I think a proof using the Radon-Nikodym theorem may exist, but I tried doing this from the first principles. So I argued that since $f_n$ converges to $f$ in $\mu$, it has a subsequence $f_{n_k}$ that converges to $f$ almost everywhere w.r.t $\mu$ and hence also w.r.t $\nu$ as $\nu$ is absolutely continuous with respect to $\mu$. So if I assume that all measures are finite, then convergence of $f_{n_k}$ almost everywhere w.r.t $\nu$ implies convergence of $f_{n_k}$ to $f$ in measure $\nu$. I can't finish the argument after this. Can a proof on these lines be completed?
Also in hindsight, I assumed finiteness of all involved measures, so a general question is whether it works for $\sigma-$finite measures. I think not, but would a appreciate a counterexample.
 A: As of the first question, this characterisation

Let $\mu$ be a finite measure. A sequence $f_n$ converges to $f$ in measure with respect to $\mu$ if and only if any subsequence $f_{n_k}$ admits a sub-subsequence $f_{n_{k_h}}$ that converges to $f$ almost everywhere.

provides far more than a solid path.
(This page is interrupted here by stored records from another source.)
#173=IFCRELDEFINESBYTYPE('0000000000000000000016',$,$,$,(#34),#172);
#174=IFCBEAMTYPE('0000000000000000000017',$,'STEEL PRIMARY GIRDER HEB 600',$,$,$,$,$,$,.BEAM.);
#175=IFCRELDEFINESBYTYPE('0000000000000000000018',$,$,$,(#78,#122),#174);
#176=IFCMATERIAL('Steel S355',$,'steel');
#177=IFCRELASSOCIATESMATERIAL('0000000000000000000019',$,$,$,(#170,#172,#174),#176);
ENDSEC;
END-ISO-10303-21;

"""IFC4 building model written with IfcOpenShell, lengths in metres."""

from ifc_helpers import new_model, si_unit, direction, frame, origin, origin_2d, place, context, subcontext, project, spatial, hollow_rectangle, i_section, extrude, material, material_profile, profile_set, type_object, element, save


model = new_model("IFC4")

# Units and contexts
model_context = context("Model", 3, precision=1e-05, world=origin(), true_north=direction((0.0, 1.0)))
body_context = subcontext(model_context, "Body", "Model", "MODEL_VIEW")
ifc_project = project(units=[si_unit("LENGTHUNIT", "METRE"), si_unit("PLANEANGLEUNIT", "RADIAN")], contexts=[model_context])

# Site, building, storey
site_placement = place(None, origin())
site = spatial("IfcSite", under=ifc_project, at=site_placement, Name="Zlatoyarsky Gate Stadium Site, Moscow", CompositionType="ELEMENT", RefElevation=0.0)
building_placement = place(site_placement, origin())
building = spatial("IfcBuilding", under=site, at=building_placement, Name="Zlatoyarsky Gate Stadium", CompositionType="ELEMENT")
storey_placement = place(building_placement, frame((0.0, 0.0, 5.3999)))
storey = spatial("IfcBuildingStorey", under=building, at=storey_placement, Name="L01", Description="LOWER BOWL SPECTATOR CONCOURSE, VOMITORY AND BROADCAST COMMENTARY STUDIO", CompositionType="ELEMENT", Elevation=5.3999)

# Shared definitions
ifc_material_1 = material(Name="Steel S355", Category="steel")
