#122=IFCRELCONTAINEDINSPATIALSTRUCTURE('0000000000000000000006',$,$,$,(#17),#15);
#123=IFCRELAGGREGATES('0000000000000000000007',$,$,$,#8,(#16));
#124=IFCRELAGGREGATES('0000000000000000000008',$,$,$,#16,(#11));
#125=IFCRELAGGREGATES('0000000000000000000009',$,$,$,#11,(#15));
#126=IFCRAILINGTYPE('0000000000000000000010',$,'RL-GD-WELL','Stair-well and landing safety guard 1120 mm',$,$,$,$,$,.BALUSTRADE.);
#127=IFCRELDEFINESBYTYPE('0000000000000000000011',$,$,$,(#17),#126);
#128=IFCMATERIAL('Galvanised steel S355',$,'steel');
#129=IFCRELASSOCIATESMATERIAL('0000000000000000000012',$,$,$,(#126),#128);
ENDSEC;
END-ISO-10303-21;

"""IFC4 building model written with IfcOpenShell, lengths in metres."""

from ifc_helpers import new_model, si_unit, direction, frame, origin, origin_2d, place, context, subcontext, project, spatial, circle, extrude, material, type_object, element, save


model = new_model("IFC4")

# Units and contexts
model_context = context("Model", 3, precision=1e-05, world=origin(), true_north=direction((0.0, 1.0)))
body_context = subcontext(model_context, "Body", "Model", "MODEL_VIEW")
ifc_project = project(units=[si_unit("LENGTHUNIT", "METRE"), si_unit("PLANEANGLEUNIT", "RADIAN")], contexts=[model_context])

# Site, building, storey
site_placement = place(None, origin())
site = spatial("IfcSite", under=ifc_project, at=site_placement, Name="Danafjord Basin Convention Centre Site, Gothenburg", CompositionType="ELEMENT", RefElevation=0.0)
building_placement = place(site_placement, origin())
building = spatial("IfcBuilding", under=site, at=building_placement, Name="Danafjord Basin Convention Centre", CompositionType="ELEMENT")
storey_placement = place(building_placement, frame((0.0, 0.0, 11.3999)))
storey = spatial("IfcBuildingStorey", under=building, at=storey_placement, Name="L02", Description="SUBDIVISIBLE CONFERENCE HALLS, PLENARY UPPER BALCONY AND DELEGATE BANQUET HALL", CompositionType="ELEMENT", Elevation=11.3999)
It's almost a proof, because the $f_{n_{k_h}}$ given by the convergence in the measure $\mu$ works for the measure $\nu$ too.
For the second question, recall the following result:

Let $\mu$ be a $\sigma$-finite measure on $(\Omega,E)$. Then, there exists a probability $\mathbb{P}$ on the same space that is equivalent to $\mu$, i.e. such that $\forall A\in E\ (\mu(A)=0\leftrightarrow\mathbb{P}(A)=0).$

An example of this is $\Omega:=\mathbb{R}$, $\mu:=$Lebesgue measure, $\mathbb{P}:=\frac{1}{\sqrt{2\pi}}e^{-\frac{x^2}{2}}\cdot\mu$
In this example you can show that $f_n:=1_{[n,+\infty)}$ convergese in measure for $\mathbb{P}$ but not for $\mu$
The idea behind this is that, while the notion of almost-everywhere convergence depends only on negligible sets, it implies convergence in measure for finite ones, but not for $\sigma$-finite ones.
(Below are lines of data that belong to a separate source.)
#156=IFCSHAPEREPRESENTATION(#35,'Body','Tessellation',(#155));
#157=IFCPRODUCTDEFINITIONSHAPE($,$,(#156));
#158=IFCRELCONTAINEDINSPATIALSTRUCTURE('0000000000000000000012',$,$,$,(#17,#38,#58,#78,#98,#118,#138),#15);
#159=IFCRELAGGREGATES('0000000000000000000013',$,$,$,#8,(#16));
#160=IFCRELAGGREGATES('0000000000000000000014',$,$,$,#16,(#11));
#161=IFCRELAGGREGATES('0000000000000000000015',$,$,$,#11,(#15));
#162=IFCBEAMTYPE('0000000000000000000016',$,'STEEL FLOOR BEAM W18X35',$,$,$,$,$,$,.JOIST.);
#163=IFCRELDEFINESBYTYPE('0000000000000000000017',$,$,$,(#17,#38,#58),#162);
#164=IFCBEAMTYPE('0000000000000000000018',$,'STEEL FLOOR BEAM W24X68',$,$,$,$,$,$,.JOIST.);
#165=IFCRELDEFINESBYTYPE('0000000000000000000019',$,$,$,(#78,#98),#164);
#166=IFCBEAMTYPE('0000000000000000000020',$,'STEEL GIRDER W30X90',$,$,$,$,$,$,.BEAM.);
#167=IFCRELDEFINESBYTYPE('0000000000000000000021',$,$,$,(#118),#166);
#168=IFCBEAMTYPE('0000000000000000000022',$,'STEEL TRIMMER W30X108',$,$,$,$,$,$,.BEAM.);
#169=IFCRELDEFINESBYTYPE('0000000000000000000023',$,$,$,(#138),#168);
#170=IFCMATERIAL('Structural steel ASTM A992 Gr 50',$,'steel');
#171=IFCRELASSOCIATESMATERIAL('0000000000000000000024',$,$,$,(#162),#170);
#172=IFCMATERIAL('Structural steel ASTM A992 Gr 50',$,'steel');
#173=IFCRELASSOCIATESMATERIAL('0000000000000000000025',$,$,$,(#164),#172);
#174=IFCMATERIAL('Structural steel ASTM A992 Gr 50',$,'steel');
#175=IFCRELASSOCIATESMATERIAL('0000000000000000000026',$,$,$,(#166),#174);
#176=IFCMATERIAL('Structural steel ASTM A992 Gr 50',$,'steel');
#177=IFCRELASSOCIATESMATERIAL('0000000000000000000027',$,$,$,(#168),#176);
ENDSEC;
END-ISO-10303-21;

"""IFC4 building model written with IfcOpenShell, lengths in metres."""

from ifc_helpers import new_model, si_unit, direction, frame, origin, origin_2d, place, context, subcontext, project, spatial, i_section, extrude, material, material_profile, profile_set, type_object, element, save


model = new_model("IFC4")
A: I happened to come across this awhile ago when I was reading a textbook on semimartingales. The author mentioned and used this as a minor fact without proof. This is how I think about this, hope it helps.
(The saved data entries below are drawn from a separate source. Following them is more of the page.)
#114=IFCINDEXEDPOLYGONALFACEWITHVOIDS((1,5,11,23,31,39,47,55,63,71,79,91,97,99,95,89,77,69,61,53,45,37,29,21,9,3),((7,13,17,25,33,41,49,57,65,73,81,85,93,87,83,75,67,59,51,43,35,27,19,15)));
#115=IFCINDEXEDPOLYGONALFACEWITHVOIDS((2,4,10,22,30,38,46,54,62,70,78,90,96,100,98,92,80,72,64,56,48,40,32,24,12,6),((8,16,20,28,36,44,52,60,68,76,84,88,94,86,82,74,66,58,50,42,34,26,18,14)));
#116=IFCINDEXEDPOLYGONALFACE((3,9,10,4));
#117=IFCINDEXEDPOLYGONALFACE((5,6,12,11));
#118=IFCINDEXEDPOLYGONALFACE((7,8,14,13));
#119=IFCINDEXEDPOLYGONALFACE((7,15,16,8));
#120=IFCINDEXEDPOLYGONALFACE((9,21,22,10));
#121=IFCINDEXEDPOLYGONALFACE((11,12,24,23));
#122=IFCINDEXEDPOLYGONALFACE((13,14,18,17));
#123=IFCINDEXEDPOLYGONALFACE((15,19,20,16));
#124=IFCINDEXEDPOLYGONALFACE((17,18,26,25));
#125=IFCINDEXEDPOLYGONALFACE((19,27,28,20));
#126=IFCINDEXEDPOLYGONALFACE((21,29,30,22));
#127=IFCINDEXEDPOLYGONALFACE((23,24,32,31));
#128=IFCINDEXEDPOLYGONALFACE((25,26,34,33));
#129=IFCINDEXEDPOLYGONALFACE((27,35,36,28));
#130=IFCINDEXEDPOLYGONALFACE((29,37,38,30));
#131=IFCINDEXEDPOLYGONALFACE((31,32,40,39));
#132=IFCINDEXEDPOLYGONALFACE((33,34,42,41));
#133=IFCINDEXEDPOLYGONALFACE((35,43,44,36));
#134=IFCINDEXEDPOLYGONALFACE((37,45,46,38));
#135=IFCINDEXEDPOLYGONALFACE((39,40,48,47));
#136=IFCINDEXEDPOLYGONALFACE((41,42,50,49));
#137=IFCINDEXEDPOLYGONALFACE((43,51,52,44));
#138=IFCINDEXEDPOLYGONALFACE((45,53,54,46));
Suppose $\nu$ and $\mu$ are two finite measures on a measurable space $ ( \Omega, \mathscr{F} ) $ such that $\nu << \mu$. Then by the Radon-Nikodym theorem, there exists a measurable function $ \xi $ such that for every $ A \in \mathscr{F} $  $$ \nu(A) = \int_A \xi d\mu. $$
Note that since $\nu$ is finite, $ \int \xi d\mu \leq M $ for some $M > 0$.
Now, given $ \varepsilon > 0 $, let $A_n$ be the set $ \{ \omega \in \Omega : \left|f_n(\omega) - f(\omega)\right| > \varepsilon \} $. Then, choose a $c > 0$, \begin{align} \nu(A_n) &= \int_{A_n} \xi d\mu \\ 
&= \int_{A_n} \xi \mathbb{1}_{\{\xi \leq c\}} d\mu + \int_{A_n} \xi \mathbb{1}_{\{\xi > c\}} d\mu \\ &\leq c \mu(A_n) + \int_{A_n} \xi \mathbb{1}_{\{\xi \leq c\}} d\mu.
\end{align}
By the dominated convergence and the fact that $ \mathbb{1}_{A_n} \rightarrow 0 $ $\mu$-$a.e$ as $ n \to \infty$, the second term in the last inequality vanished as $n$ tends to infinity. Thus $$ \lim_{n \to \infty} \nu(A_n) \leq c \lim_{n \to \infty}\mu(A_n) = 0, $$
proving the assertion.